Physically released merozoites are invasive. (A) Schematic of the method to generate viable free merozoites efficiently from [+] Shld-1 and [−] Shld-1 schizonts. 28G, 28-gauge; HCT, hematocrit. (B) Ring parasitemia from physically released [+] or [−] Shld-1 schizonts. The ring parasitemia was not different between the [+] and [−] Shld-1 conditions (n = 3; mean ± SD; no significant difference by Student’s t test). (C) Wide-field IFA of PfAMA1 localization before and after shearing from [+] and [−] Shld-1 parasites.

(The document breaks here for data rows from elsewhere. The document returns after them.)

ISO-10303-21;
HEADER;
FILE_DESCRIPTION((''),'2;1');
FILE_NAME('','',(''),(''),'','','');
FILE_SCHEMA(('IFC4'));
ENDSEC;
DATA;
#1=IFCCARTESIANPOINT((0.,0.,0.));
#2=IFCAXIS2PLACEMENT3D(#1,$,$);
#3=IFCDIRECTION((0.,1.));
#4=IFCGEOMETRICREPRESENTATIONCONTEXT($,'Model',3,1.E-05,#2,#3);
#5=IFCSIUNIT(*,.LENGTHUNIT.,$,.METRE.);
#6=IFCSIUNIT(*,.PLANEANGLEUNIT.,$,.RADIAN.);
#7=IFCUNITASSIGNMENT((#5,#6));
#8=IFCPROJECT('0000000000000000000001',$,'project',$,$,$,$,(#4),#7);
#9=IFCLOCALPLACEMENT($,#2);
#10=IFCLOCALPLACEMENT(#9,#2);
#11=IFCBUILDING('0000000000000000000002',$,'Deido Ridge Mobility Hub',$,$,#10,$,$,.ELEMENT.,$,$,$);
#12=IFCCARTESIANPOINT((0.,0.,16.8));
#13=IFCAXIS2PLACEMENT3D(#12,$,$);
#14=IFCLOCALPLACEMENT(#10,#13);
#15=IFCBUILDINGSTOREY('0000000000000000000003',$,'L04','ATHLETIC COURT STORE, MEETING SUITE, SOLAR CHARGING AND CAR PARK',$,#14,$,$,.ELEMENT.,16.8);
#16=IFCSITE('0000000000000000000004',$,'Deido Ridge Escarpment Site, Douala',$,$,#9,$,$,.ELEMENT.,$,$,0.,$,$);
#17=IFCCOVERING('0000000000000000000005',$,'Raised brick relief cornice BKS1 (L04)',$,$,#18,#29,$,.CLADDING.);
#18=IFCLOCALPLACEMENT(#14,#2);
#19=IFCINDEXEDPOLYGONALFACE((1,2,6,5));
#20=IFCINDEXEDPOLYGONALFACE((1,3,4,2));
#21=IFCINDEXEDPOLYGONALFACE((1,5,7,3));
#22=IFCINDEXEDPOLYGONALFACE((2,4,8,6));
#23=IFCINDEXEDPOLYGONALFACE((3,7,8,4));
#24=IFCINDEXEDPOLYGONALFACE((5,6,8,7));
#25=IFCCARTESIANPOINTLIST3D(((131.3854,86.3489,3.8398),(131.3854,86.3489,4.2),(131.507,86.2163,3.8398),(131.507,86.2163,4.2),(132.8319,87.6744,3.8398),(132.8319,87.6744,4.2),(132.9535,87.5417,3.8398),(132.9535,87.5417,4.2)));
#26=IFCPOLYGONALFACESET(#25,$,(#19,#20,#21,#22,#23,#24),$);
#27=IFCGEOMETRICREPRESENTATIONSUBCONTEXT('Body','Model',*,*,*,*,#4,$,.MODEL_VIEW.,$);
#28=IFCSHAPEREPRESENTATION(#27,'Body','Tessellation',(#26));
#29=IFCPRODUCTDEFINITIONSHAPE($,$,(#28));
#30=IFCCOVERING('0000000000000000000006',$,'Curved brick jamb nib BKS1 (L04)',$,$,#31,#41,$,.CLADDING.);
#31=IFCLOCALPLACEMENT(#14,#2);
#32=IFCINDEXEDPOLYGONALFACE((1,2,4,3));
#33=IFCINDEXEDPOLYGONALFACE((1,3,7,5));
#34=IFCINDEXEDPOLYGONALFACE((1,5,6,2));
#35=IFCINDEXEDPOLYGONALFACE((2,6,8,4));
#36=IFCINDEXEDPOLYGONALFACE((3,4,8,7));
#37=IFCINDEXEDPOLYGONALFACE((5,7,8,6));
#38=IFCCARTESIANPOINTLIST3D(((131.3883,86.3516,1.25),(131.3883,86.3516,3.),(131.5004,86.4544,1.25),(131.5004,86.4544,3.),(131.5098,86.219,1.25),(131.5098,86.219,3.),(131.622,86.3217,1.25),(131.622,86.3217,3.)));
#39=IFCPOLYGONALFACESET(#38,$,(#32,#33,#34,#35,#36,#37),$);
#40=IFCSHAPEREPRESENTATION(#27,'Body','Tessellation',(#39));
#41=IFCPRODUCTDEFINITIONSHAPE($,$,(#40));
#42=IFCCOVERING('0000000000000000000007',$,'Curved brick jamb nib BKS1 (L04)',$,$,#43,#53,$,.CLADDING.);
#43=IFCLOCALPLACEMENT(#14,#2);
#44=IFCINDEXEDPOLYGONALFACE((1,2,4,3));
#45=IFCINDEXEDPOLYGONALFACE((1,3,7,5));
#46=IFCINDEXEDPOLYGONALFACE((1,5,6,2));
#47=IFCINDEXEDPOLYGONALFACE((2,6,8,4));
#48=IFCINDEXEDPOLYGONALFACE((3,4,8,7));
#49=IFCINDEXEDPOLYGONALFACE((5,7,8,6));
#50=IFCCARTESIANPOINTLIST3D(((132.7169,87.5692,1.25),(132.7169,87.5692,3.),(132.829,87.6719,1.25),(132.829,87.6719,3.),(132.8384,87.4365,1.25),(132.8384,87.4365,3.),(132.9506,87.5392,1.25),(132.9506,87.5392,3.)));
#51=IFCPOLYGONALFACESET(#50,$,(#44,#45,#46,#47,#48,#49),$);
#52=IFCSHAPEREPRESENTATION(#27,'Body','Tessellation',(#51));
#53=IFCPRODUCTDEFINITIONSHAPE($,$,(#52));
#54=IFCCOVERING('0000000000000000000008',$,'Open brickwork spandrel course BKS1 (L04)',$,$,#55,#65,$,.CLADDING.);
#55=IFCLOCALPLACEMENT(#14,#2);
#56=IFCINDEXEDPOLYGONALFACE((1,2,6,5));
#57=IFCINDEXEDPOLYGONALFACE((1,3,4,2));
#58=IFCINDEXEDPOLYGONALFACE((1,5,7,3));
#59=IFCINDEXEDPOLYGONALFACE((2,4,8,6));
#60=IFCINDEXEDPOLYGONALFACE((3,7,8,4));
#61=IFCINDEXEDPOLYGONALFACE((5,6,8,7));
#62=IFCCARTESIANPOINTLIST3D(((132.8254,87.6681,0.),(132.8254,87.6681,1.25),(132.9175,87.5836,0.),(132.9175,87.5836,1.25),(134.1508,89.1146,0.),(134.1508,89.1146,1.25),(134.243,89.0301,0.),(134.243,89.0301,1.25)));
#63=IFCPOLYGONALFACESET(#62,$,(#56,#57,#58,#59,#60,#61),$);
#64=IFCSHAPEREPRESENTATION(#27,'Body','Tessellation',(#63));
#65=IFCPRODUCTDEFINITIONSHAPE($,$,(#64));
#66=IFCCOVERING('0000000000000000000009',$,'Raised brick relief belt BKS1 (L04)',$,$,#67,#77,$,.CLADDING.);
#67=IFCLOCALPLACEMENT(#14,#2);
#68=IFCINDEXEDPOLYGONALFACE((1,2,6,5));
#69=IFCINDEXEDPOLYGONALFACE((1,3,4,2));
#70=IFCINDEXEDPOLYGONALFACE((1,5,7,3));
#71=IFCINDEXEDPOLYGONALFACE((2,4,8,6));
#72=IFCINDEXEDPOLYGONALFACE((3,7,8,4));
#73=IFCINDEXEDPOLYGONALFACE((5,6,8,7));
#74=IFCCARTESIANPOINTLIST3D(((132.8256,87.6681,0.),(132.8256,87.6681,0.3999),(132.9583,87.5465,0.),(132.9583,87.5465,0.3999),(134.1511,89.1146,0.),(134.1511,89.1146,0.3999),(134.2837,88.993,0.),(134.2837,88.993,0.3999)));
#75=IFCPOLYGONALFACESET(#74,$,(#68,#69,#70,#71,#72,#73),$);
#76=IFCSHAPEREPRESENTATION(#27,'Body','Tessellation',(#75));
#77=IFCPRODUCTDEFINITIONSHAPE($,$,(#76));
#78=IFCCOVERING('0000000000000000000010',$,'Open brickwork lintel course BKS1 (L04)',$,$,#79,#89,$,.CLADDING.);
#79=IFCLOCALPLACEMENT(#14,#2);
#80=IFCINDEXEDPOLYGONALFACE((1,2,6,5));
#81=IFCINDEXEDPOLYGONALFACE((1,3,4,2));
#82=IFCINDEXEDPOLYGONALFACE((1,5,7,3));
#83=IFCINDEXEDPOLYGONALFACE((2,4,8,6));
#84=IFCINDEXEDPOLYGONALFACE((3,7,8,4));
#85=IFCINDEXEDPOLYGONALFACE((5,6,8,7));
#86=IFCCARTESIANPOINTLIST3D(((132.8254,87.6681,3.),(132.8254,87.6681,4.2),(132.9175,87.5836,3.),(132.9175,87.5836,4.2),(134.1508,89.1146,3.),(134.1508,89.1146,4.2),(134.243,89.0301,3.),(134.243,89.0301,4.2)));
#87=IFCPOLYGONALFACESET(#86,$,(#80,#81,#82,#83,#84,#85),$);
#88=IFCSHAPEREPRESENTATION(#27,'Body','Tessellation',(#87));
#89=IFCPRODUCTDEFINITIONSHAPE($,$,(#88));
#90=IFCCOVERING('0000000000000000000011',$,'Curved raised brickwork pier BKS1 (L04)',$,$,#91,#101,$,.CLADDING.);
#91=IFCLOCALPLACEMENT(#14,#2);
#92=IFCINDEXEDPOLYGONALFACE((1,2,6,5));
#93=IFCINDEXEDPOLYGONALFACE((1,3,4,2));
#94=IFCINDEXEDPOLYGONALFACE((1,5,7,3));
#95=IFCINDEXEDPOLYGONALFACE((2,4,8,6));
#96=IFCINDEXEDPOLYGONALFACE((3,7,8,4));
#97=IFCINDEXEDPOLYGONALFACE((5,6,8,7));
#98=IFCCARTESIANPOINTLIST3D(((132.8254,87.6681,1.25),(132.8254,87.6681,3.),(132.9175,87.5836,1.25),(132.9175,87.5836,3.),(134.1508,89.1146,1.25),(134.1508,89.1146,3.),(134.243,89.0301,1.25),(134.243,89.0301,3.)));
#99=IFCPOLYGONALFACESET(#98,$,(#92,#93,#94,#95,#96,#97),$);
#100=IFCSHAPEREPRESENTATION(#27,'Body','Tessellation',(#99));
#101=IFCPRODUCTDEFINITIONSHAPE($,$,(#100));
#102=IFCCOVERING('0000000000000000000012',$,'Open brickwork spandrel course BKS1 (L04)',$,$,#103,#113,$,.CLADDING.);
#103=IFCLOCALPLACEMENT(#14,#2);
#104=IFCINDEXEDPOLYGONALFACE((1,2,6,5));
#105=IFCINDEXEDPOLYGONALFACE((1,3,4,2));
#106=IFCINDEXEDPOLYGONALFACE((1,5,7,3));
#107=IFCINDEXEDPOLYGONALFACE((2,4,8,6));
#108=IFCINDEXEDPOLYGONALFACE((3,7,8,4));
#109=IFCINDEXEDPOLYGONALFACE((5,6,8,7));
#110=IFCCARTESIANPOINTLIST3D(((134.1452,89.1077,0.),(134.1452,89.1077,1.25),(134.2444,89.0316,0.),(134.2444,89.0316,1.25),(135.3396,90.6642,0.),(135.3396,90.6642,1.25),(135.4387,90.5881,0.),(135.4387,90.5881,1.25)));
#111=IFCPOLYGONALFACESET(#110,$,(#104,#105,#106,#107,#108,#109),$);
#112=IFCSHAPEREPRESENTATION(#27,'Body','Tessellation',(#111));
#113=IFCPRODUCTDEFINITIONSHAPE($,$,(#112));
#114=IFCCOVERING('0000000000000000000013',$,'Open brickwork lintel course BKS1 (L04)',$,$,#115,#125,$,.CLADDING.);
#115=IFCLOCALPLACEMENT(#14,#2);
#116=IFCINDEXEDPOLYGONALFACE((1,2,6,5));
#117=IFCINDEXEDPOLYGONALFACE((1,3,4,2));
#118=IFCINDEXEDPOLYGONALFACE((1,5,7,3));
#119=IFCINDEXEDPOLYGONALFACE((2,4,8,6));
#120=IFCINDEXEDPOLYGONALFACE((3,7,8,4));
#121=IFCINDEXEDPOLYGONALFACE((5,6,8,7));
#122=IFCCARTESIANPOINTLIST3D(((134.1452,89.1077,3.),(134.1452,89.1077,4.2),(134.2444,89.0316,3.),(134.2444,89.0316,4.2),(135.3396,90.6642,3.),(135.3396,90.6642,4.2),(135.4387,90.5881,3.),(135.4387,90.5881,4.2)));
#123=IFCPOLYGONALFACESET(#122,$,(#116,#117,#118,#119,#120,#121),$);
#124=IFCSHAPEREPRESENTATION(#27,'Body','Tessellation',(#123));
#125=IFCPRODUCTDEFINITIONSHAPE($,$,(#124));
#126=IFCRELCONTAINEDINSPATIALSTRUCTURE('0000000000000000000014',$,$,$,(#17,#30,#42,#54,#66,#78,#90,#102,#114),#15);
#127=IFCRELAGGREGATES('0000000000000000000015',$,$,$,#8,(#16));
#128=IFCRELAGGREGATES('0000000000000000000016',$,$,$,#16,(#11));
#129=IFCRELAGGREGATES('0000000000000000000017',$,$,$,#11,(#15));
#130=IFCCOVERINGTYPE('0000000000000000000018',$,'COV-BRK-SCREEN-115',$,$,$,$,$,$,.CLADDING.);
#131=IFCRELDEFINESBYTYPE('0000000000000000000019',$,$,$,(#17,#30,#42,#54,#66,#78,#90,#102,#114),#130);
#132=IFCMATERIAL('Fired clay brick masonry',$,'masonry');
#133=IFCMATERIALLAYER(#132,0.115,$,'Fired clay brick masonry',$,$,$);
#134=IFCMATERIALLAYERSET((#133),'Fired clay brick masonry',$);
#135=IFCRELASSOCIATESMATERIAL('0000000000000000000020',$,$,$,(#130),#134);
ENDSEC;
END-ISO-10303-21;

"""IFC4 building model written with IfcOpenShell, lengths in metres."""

from ifc_helpers import new_model, si_unit, direction, frame, origin, origin_2d, place, context, subcontext, project, spatial, rectangle, extrude, material, layer, layer_set, type_object, element, save


model = new_model("IFC4")

# Units and contexts
model_context = context("Model", 3, precision=1e-05, world=origin(), true_north=direction((0.0, 1.0)))
body_context = subcontext(model_context, "Body", "Model", "MODEL_VIEW")
ifc_project = project(units=[si_unit("LENGTHUNIT", "METRE"), si_unit("PLANEANGLEUNIT", "RADIAN")], contexts=[model_context])

# Site, building, storey
site_placement = place(None, origin())
site = spatial("IfcSite", under=ifc_project, at=site_placement, Name="Deido Ridge Escarpment Site, Douala", CompositionType="ELEMENT", RefElevation=0.0)
building_placement = place(site_placement, origin())
building = spatial("IfcBuilding", under=site, at=building_placement, Name="Deido Ridge Mobility Hub", CompositionType="ELEMENT")
storey_placement = place(building_placement, frame((0.0, 0.0, 16.8)))
storey = spatial("IfcBuildingStorey", under=building, at=storey_placement, Name="L04", Description="ATHLETIC COURT STORE, MEETING SUITE, SOLAR CHARGING AND CAR PARK", CompositionType="ELEMENT", Elevation=16.8)

# Coverings
ifc_material_1 = material(Name="Fired clay brick masonry", Category="masonry")
ifc_layer = layer(ifc_material_1, 0.115, Name="Fired clay brick masonry")
ifc_layer_set = layer_set([ifc_layer], Name="Fired clay brick masonry")
covering_type = type_object("IfcCoveringType", Name="COV-BRK-SCREEN-115", PredefinedType="CLADDING", material=ifc_layer_set)
covering_1_placement = place(storey_placement, frame((132.1694, 86.9453, 3.8398), z_axis=(0.0, 0.0, 1.0), x_axis=(0.737289, 0.675577, 0.0)))
element("IfcCovering", 1, at=covering_1_placement, inside=storey, type_object=covering_type, Name="Raised brick relief cornice BKS1 (L04)", PredefinedType="CLADDING", context=body_context, shape_type="SweptSolid", body=[
    extrude(rectangle(XDim=1.9619, YDim=0.1799, at=origin_2d()), origin(), (0.0, 0.0, 1.0), 0.3601),
])
for number, where, z_axis, x_axis, name in (
    (2, (131.5051, 86.3367, 1.25), (0.0, 0.0, 1.0), (0.737289, 0.675577, 0.0), "Curved brick jamb nib BKS1 (L04)"),
    (3, (132.8337, 87.5542, 1.25), (0.0, 0.0, 1.0), (0.737289, 0.675577, 0.0), "Curved brick jamb nib BKS1 (L04)"),
):
    element("IfcCovering", number, at=place(storey_placement, frame(where, z_axis=z_axis, x_axis=x_axis)), inside=storey, type_object=covering_type, Name=name, PredefinedType="CLADDING", context=body_context, shape_type="SweptSolid", body=[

Treatment of schizonts with 2.5 µM C1 prior to shearing prevents PfAMA1 translocation.

FIG 6

Model for cooperativity between PfCDPK5 and PfPKG. The progress along the parasite egress pathway is promoted by activation of PfPKG. At low levels of PfPKG activation, the protease cascade and calcium signaling pathway are initiated. PfCDPK5 activation, together with PfPKG, leads to further progression of the protease cascade and triggered release of micronemes required for parasite egress (detected by PfAMA1 translocation, shown in red). Under physiological conditions, this step requires both PfCDPK5 and PfPKG. The discharge of micronemes completes the egress process with the release of invasive merozoites. The requirement for PfCDPK5 can be bypassed by supraphysiological activation of PfPKG by either BIPPO or physical disruption. PVM, parasitophorous vacuolar membrane.